So where should you include your trust, credibility and social proof elements?
Definitely not on a separate “testimonials” page. Andy Crestodina from Orbit Media studios explains, “These pages rarely get visited. Just check your Analytics.”
Instead, you’ll want to intersperse these authority-building elements within your main selling pages, like your homepage, service pages, and landing pages.
But there’s one more mega-opportunity for adding credibility to your B2B websites, which is to add portfolio pages to your website, showcasing successful work and projects you have completed. We discuss this more in our B2B vs B2C Web Design Distinctives section below.
Example: As an Aviation OEM supply company, Erickson Inc. absolutely needs its website to build trust. A section displaying their current customers complements their messaging of being “tested and trusted.”
https://www.sayenkodesign.com/work/aviation-b2b-web-design/
Step 6. Anticipate Objections
Potential customers will often have many ideas in their mind about why your product/service might work in theory, or why it may work for someone else but not for them. Since your website should be your 24/7 robotic salesperson, it should be able to answer the primary objections your target audience may have.
So what’s an obvious way to answer these questions on a website without sounding pushy or salesy?
Use a FAQ section, of course!
Within your frequently asked questions, you can add answers to the most common objections that you or your sales team have encountered. Try to turn each negative into a positive. You’d be amazed at how answering a simple additional question about a feature of your product or service can tip someone over the edge from simply browsing your website to being ready to fill out a contact form, schedule a demo, or contact sales for a consultation.

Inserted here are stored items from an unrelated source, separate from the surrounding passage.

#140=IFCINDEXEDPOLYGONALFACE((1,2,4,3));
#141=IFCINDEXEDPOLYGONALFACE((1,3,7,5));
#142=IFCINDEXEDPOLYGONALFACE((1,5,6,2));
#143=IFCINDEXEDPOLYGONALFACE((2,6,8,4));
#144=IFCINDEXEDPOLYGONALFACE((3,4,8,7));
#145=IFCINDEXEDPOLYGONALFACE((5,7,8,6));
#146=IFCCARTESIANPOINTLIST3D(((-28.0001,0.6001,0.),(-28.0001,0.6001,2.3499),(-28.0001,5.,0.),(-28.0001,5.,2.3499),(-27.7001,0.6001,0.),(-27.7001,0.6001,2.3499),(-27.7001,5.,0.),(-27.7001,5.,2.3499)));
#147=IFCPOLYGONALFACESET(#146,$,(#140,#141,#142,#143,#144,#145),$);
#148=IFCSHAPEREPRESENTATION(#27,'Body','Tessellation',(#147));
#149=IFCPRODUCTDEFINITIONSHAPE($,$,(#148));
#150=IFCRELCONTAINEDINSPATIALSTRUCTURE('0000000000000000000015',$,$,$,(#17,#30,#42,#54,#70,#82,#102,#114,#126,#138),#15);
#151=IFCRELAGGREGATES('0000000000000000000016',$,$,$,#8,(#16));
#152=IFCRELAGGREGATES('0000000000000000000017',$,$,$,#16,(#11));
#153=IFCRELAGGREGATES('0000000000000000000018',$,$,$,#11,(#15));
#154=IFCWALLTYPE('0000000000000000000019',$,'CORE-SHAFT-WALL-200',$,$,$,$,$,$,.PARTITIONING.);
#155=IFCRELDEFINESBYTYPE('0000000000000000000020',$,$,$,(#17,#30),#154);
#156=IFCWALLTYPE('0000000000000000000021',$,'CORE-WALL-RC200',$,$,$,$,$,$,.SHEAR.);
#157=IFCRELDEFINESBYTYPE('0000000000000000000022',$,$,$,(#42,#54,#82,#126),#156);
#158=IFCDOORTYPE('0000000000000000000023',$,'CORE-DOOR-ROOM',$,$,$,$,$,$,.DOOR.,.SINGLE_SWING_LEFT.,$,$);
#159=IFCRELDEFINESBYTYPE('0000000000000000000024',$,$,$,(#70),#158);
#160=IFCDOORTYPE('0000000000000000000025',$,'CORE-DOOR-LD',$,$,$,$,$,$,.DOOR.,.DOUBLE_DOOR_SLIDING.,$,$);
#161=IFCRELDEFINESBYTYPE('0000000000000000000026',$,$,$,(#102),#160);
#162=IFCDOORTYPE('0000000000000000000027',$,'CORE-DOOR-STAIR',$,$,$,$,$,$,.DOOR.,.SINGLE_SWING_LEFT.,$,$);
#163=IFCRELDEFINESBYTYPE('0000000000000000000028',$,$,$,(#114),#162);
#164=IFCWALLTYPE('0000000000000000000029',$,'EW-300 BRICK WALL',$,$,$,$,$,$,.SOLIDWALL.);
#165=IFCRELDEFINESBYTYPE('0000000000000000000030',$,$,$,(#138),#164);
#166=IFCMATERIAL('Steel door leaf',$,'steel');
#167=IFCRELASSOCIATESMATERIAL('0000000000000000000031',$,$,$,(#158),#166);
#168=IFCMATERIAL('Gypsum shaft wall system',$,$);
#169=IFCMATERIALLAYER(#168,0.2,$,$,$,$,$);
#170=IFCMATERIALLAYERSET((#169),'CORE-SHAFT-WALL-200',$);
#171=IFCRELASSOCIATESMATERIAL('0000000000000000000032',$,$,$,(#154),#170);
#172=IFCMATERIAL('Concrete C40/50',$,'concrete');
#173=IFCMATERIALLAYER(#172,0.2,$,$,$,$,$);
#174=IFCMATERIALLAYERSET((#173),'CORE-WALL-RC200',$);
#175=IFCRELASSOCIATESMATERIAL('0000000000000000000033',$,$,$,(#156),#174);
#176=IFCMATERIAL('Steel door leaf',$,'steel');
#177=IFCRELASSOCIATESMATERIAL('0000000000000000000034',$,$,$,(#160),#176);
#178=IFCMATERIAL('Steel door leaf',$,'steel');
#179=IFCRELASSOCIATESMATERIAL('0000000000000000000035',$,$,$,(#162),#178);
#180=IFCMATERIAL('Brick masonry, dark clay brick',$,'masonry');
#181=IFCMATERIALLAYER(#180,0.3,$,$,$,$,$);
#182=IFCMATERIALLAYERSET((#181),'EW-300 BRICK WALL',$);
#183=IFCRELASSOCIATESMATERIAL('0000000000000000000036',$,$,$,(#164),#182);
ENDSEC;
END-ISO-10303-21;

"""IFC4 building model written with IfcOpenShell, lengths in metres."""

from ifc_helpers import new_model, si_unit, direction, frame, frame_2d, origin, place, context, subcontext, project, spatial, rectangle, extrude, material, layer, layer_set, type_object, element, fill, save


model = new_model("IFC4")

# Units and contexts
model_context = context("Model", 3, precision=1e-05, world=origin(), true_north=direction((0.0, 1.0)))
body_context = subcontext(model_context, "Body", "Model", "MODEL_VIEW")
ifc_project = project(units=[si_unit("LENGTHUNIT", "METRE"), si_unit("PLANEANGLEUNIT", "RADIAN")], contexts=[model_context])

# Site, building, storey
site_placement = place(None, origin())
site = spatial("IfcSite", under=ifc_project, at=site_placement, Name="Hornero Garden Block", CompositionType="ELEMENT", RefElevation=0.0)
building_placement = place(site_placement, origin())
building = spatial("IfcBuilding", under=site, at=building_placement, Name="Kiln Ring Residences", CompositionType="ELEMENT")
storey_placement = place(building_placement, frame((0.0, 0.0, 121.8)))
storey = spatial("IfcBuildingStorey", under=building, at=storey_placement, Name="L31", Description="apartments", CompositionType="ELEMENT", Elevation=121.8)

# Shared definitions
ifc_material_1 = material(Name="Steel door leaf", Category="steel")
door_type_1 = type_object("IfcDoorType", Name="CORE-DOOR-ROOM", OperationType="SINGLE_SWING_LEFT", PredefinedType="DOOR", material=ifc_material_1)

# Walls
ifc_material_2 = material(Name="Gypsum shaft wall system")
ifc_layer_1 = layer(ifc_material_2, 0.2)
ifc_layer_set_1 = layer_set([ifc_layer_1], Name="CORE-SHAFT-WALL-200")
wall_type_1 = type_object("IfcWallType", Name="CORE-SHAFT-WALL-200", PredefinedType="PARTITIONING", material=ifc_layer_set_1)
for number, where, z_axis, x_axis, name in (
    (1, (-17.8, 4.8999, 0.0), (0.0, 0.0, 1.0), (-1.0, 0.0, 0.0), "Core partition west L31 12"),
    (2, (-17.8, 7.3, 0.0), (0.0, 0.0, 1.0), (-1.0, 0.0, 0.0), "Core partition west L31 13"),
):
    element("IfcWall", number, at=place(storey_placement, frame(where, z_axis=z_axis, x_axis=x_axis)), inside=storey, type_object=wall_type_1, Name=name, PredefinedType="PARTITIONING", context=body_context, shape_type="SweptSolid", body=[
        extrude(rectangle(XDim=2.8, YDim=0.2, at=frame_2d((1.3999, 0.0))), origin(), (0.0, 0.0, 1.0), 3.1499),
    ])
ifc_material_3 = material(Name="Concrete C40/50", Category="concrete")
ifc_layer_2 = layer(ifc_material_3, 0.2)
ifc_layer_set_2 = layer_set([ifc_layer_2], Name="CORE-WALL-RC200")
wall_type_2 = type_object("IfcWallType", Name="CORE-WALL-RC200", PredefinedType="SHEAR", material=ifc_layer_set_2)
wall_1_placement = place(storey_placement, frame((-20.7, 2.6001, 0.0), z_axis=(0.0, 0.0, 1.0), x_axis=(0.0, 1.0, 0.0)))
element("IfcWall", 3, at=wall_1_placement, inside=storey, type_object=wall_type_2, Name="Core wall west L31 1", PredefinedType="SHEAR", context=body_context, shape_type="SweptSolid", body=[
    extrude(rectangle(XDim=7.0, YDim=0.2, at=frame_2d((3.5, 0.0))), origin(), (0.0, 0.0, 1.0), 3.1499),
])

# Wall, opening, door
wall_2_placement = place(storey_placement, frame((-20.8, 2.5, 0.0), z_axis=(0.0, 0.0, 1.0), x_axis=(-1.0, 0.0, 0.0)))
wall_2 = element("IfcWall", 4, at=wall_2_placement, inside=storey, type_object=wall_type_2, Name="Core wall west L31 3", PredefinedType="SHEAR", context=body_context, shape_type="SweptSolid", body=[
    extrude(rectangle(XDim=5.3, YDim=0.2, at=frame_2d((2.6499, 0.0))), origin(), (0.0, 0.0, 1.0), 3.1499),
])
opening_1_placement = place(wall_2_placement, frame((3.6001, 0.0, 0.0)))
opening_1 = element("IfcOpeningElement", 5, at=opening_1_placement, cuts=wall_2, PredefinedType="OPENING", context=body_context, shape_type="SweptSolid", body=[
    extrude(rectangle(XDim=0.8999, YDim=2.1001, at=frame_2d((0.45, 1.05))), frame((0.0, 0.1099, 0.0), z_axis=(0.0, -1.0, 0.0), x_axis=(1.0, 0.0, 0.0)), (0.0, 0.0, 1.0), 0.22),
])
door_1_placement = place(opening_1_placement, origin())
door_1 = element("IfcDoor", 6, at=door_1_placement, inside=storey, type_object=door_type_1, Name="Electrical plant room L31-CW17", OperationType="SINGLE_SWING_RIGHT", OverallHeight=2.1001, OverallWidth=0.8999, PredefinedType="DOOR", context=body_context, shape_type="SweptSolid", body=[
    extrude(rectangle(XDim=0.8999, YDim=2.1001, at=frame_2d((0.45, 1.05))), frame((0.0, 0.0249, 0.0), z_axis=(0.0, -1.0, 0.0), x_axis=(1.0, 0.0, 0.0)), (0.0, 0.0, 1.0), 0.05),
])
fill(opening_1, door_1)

Step 7. Include Tailor-Made CTAs for each stage of the Buyer’s Journey
Call-to-Action content and design elements in B2B can be tricky. On the one hand, you may only work with a select handful of optimum clients and don’t want to answer calls and respond to emails for all comers. This might lead you to want to weed out leads who are not serious by using longer forms that qualify your leads. But B2B websites have another problem, which is that their website users are often conducting heavy research even before choosing to reach out and become a lead. You’ll want to appeal to the heavy researchers as these individuals may end up becoming your best clients…
…But they’re not ready to contact you yet through a traditional contact form submission or phone call.
So what do you do, besides having already given them loads of compelling website content about why they should choose you?
We suggest you go up the sales funnel slightly and use CTAs and content to target users who are in the “consideration” or “evaluation” stage of the buyer’s journey. Consider this as a “leaving piece” for all the researchers out there.
Examples:
- Downloadable White Papers
- Process Documents
- Templates
- Spec Sheets
- Comparison Tables between You and Your Competitors
- Buyer’s Guide
Of course, you’ll want to make sure you snag your visitor’s email address in exchange for the additional content you provide them.
3. B2B vs B2C Web Design Distinctives
Consider the longer sales cycle
How do B2B sites differ in their strategy and overall makeup from a B2C site? In general, you will want less flash and flare as compared to B2C, and instead should display more educational content, resources, and in-depth case studies to accommodate a longer sales cycle.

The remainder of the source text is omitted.